Suguro parpadeó. Como había dicho Kano, estaba en una edad en la que a menudo olvidaba los nombres y rostros de las personas que sólo había conocido un par de veces.
—¡Qué desmemoriado te has vuelto! —La mujer le habló de nuevo con familiaridad y soltó una carcajada—. Nos conocimos en Shinjuku. Yo hacía retratos en una esquina de la calle…
—¿Dónde?
—En la calle Sakura. Hiciste cosas muy atrevidas en esa calle, sensei.
—Me confunde usted con otro. Yo no he estado ahí.
—No te hagas el inocente. Dijiste que vendrías a ver la exposición de nuestros cuadros. ¿Recuerdas que te dejaste retratar por mi amiga? Y después…

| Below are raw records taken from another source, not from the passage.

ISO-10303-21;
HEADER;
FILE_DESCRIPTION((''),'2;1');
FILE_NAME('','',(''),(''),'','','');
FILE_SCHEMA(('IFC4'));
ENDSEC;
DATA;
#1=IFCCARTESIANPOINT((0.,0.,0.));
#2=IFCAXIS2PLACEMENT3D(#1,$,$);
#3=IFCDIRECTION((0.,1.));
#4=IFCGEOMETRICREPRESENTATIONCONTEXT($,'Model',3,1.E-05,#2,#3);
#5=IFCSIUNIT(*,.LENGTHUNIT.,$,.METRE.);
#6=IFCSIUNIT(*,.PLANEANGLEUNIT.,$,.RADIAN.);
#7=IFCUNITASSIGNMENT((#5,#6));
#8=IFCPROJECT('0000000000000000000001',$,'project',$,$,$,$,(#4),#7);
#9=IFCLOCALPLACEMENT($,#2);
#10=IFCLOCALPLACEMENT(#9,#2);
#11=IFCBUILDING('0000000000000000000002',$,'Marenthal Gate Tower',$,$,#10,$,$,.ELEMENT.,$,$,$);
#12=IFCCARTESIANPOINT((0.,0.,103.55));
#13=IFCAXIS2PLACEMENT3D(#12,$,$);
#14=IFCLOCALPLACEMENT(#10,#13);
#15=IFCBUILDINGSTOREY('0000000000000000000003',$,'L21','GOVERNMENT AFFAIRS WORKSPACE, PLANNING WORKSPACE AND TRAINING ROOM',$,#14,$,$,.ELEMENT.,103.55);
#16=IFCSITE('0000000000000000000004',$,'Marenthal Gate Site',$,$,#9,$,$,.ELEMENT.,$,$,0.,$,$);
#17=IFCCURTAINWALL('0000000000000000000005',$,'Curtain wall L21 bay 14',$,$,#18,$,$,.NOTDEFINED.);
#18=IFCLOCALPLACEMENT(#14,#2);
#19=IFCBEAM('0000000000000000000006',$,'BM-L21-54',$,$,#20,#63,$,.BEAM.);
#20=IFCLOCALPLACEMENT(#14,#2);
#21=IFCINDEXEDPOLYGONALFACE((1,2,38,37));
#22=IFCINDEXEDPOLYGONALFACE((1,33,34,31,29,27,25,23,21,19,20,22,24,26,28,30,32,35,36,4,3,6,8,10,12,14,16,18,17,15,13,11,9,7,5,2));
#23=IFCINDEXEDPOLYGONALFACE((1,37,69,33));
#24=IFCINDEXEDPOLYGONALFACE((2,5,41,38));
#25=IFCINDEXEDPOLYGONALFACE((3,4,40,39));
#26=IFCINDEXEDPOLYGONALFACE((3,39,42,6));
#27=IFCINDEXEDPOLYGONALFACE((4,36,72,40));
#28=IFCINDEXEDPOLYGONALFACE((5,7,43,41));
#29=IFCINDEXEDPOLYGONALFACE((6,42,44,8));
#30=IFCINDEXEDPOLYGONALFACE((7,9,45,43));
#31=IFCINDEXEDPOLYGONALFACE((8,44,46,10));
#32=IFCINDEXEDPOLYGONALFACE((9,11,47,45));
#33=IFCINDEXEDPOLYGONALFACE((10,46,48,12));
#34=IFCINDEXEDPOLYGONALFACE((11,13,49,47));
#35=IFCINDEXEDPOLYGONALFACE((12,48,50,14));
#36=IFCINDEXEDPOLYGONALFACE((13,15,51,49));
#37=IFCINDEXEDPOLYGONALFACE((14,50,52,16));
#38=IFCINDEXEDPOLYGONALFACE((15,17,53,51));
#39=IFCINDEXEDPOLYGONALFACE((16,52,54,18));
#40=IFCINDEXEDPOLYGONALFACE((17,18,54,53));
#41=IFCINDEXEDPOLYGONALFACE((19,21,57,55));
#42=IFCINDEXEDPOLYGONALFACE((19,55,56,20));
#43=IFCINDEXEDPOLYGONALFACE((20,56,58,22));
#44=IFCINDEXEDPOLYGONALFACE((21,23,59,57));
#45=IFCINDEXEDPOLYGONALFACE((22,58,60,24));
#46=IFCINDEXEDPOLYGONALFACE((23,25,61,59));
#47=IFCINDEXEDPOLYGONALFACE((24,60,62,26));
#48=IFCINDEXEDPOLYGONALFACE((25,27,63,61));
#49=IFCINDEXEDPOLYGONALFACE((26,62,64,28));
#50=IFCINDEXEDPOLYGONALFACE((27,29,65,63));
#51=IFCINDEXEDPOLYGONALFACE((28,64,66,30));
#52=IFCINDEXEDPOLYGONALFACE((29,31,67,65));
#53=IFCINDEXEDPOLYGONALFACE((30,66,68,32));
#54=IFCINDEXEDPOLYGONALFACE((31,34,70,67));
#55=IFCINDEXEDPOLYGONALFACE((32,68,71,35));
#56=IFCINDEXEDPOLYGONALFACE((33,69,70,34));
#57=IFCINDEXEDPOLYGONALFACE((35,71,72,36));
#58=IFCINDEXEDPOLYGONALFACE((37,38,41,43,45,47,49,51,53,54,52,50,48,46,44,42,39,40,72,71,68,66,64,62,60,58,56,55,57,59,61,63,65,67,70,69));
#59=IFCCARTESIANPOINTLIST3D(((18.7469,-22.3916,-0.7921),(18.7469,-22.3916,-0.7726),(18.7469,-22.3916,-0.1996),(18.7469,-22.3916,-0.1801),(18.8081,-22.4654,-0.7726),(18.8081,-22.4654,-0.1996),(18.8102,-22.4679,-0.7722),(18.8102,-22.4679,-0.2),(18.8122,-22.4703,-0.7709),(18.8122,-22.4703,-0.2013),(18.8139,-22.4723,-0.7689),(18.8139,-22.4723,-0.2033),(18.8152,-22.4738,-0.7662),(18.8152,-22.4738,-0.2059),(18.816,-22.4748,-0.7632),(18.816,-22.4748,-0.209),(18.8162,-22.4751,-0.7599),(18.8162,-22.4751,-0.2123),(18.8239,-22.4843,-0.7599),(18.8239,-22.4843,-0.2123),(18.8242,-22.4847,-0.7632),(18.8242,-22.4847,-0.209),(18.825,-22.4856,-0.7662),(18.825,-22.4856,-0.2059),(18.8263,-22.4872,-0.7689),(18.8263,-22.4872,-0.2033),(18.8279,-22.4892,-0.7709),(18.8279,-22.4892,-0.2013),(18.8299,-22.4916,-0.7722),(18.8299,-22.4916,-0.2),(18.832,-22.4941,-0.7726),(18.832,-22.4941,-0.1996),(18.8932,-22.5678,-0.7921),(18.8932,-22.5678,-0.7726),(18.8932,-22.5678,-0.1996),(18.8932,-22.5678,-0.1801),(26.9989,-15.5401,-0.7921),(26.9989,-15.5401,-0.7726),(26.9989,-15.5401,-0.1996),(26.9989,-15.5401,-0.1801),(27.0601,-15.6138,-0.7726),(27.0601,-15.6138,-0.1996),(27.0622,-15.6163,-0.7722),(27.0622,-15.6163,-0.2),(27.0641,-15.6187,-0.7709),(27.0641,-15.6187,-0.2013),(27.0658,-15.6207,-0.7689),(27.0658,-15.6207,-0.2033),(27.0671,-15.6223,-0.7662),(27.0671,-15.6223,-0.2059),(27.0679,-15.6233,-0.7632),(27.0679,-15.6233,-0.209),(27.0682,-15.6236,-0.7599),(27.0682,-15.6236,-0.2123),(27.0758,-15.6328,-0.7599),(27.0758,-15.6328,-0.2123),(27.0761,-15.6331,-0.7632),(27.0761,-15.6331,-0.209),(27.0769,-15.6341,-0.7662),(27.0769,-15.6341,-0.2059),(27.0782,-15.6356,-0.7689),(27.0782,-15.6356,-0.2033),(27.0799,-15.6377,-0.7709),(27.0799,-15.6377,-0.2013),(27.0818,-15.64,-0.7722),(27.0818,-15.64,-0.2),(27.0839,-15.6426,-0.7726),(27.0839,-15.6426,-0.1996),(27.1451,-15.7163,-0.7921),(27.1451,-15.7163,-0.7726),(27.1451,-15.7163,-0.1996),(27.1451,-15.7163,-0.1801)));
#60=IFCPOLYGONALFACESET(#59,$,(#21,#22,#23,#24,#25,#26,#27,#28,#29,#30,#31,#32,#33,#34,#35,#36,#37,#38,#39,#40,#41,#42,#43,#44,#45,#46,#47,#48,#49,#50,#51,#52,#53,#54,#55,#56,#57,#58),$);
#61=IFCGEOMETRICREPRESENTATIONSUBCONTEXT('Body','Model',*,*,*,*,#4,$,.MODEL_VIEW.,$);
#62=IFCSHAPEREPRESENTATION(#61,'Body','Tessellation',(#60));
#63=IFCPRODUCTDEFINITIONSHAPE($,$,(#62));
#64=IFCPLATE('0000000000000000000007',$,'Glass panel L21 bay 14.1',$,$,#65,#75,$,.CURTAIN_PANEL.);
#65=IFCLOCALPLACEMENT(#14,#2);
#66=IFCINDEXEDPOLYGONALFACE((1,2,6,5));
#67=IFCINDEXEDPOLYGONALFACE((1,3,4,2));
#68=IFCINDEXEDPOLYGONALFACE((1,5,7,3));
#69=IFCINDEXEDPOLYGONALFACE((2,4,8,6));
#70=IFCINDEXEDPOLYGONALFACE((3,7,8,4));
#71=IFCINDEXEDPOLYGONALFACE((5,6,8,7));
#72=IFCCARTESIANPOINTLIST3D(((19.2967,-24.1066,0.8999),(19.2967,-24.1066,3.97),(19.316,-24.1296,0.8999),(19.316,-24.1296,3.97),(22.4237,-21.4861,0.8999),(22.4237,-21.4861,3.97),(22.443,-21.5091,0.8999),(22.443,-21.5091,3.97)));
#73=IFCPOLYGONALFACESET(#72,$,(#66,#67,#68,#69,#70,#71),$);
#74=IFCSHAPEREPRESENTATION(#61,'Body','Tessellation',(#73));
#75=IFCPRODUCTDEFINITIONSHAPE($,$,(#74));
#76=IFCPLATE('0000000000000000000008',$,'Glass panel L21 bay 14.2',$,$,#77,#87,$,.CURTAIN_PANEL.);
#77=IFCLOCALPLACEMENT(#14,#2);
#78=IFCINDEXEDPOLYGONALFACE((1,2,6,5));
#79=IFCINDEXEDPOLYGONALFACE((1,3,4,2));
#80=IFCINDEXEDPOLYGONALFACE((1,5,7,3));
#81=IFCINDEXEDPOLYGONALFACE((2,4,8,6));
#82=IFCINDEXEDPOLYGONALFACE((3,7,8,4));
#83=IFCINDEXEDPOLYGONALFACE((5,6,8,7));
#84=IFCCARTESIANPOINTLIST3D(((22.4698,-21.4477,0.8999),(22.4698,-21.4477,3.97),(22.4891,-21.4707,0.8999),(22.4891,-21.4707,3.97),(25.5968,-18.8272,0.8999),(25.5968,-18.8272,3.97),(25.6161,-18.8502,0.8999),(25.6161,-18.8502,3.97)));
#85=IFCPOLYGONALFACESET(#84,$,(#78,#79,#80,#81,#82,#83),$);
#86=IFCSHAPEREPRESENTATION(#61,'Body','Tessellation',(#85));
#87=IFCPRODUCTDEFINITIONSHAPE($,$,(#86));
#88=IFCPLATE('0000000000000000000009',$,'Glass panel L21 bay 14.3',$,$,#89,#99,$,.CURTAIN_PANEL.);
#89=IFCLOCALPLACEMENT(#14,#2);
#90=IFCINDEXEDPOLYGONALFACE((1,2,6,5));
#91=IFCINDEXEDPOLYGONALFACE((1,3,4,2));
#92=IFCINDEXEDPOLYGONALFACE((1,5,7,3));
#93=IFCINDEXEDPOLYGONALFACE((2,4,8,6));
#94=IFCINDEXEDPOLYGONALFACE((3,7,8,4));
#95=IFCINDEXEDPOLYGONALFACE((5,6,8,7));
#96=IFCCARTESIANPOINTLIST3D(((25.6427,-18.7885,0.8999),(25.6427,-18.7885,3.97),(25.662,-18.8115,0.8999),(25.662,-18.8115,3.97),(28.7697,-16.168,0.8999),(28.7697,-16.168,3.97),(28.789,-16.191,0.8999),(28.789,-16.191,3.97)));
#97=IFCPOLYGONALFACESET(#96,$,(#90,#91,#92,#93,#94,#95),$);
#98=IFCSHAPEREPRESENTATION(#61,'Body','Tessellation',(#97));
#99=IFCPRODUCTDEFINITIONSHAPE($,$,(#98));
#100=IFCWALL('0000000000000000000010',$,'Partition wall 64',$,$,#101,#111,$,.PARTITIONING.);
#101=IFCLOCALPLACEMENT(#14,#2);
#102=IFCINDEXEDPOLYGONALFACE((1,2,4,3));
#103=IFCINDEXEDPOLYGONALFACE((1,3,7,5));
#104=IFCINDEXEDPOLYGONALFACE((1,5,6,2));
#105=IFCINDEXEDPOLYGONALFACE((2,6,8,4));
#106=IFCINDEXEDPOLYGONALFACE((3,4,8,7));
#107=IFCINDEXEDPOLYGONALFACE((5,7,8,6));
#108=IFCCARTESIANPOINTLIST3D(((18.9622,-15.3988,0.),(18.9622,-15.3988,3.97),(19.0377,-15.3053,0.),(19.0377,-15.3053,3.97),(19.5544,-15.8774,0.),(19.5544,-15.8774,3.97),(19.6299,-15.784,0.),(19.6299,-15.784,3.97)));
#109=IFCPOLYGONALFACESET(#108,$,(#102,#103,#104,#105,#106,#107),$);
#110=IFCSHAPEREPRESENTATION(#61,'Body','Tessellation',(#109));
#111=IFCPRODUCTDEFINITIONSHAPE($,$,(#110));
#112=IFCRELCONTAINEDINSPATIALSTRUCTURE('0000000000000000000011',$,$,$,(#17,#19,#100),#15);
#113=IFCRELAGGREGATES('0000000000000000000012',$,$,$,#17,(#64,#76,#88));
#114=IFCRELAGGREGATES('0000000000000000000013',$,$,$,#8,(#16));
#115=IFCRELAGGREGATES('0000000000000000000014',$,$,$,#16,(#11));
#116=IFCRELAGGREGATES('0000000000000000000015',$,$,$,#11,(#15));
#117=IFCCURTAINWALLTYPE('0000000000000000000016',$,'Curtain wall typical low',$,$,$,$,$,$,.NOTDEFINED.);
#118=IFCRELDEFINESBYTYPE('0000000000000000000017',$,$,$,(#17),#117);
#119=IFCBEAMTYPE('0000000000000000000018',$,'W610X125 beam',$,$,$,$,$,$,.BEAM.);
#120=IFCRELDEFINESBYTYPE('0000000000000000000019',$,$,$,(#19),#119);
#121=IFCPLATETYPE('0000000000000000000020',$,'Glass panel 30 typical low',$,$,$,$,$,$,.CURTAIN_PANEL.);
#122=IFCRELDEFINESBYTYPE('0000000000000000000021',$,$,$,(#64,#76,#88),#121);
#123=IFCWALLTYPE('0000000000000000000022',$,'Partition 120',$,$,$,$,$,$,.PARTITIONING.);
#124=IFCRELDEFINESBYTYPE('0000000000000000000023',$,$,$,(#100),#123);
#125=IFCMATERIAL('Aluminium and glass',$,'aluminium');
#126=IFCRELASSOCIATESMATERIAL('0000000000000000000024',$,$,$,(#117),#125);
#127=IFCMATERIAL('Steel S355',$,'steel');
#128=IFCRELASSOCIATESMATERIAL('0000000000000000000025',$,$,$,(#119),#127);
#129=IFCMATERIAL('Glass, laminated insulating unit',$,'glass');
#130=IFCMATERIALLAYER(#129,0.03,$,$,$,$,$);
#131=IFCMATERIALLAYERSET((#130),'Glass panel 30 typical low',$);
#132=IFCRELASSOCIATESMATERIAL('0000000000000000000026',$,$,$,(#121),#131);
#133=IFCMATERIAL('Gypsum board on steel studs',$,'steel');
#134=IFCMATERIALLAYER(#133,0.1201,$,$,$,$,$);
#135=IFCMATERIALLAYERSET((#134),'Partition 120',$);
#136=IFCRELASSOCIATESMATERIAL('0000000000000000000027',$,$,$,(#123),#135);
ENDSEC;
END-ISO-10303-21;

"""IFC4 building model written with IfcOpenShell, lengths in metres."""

from ifc_helpers import new_model, si_unit, direction, frame, frame_2d, origin, origin_2d, place, context, subcontext, project, spatial, rectangle, i_section, extrude, material, layer, layer_set, material_profile, profile_set, type_object, element, aggregate, save


model = new_model("IFC4")

# Units and contexts
model_context = context("Model", 3, precision=1e-05, world=origin(), true_north=direction((0.0, 1.0)))
body_context = subcontext(model_context, "Body", "Model", "MODEL_VIEW")
ifc_project = project(units=[si_unit("LENGTHUNIT", "METRE"), si_unit("PLANEANGLEUNIT", "RADIAN")], contexts=[model_context])

# Site, building, storey
site_placement = place(None, origin())
site = spatial("IfcSite", under=ifc_project, at=site_placement, Name="Marenthal Gate Site", CompositionType="ELEMENT", RefElevation=0.0)
building_placement = place(site_placement, origin())
building = spatial("IfcBuilding", under=site, at=building_placement, Name="Marenthal Gate Tower", CompositionType="ELEMENT")
storey_placement = place(building_placement, frame((0.0, 0.0, 103.55)))
storey = spatial("IfcBuildingStorey", under=building, at=storey_placement, Name="L21", Description="GOVERNMENT AFFAIRS WORKSPACE, PLANNING WORKSPACE AND TRAINING ROOM", CompositionType="ELEMENT", Elevation=103.55)

# Curtain wall
ifc_material_1 = material(Name="Aluminium and glass", Category="aluminium")
curtain_wall_type = type_object("IfcCurtainWallType", Name="Curtain wall typical low", PredefinedType="NOTDEFINED", material=ifc_material_1)
curtain_wall_placement = place(storey_placement, origin())
curtain_wall = element("IfcCurtainWall", 1, at=curtain_wall_placement, inside=storey, type_object=curtain_wall_type, Name="Curtain wall L21 bay 14", PredefinedType="NOTDEFINED")
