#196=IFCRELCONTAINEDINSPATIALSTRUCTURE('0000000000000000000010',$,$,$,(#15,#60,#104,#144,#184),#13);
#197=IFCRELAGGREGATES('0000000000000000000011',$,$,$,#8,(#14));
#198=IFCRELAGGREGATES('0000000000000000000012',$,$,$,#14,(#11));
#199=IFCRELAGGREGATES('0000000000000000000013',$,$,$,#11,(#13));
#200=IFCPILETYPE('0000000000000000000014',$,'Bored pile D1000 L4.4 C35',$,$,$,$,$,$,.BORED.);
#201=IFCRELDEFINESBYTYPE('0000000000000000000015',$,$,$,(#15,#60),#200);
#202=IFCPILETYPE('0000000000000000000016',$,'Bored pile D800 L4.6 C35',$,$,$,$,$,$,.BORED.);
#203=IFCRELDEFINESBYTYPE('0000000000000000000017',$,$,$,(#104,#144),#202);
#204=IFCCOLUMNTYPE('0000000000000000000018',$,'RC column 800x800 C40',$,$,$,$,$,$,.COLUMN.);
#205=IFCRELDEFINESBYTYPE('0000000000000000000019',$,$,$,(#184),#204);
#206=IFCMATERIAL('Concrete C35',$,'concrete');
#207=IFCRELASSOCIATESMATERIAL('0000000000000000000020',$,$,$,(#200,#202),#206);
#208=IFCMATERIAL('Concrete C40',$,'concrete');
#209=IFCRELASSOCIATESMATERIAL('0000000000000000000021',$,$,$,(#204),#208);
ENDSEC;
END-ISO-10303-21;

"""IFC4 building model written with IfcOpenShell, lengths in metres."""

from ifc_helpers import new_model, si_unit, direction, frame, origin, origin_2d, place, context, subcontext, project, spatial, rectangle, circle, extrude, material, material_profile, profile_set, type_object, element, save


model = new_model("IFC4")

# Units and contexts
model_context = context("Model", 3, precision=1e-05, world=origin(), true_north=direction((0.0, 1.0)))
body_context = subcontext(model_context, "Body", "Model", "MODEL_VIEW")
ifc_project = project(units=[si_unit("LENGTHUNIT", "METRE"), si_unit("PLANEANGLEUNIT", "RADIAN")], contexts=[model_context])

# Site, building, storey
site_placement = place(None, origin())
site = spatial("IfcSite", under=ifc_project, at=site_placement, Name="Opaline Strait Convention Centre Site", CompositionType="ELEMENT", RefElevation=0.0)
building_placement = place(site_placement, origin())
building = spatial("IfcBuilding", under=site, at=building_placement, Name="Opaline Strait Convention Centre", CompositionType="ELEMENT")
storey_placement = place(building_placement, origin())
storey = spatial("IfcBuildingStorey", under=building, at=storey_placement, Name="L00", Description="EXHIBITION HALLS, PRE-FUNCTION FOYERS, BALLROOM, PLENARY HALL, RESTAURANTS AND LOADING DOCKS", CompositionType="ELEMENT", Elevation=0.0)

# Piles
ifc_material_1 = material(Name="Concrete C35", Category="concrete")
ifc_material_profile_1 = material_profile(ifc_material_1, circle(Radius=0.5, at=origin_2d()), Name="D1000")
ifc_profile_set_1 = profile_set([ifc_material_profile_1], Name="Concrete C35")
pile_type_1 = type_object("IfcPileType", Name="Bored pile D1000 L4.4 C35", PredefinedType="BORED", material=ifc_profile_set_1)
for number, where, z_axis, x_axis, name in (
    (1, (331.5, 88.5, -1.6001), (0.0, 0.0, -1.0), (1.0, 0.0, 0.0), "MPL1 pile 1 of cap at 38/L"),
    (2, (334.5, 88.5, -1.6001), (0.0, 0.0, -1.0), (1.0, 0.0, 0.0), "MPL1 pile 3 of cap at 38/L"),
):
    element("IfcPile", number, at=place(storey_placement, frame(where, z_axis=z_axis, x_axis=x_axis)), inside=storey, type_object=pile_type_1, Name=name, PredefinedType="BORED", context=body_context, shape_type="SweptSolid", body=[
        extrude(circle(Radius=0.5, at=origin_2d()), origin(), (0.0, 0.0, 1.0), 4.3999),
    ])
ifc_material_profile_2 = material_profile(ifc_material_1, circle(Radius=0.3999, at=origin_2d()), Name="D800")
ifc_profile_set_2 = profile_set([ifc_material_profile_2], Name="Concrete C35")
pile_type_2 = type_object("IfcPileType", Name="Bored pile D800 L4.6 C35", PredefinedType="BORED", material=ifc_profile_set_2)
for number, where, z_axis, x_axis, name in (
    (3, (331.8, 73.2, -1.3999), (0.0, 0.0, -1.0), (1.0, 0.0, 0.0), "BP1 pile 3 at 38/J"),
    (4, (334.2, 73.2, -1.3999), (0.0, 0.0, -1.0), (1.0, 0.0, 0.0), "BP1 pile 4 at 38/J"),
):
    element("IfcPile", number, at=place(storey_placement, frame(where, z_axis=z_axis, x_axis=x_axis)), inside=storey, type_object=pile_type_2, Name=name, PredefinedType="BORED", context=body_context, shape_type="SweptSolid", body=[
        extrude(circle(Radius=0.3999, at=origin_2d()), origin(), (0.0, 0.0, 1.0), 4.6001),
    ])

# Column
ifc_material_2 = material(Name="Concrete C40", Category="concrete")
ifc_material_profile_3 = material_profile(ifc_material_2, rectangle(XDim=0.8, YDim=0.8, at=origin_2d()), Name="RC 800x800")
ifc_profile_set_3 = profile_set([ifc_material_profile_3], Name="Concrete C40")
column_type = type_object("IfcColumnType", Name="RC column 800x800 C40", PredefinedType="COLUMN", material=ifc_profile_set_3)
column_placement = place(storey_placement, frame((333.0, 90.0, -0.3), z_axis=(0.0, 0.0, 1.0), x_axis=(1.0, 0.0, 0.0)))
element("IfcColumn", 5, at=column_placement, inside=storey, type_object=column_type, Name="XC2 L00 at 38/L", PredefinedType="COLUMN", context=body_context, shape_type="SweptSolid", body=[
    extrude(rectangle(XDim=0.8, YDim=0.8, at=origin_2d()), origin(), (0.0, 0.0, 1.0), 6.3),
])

Probablemente, la mujer estaba bebida: agarrada todavía a la chaqueta de Suguro, dirigió a éste un guiño muy explícito. La mancha de barra de labios en los dientes la identificaba como espíritu gemelo de los diseñadores inexpertos y de las aspirantes a actrices que merodeaban por las calles de Shinjuku y Roppongi.
—Creo que me ha tomado usted por otra persona.
—¡Ah, ya entiendo! No quieres que nadie sepa que estuviste de fiesta con nosotras en plena noche. Porque eres cristiano. Claro, claro, tenemos que guardar una distancia entre las apariencias y la realidad…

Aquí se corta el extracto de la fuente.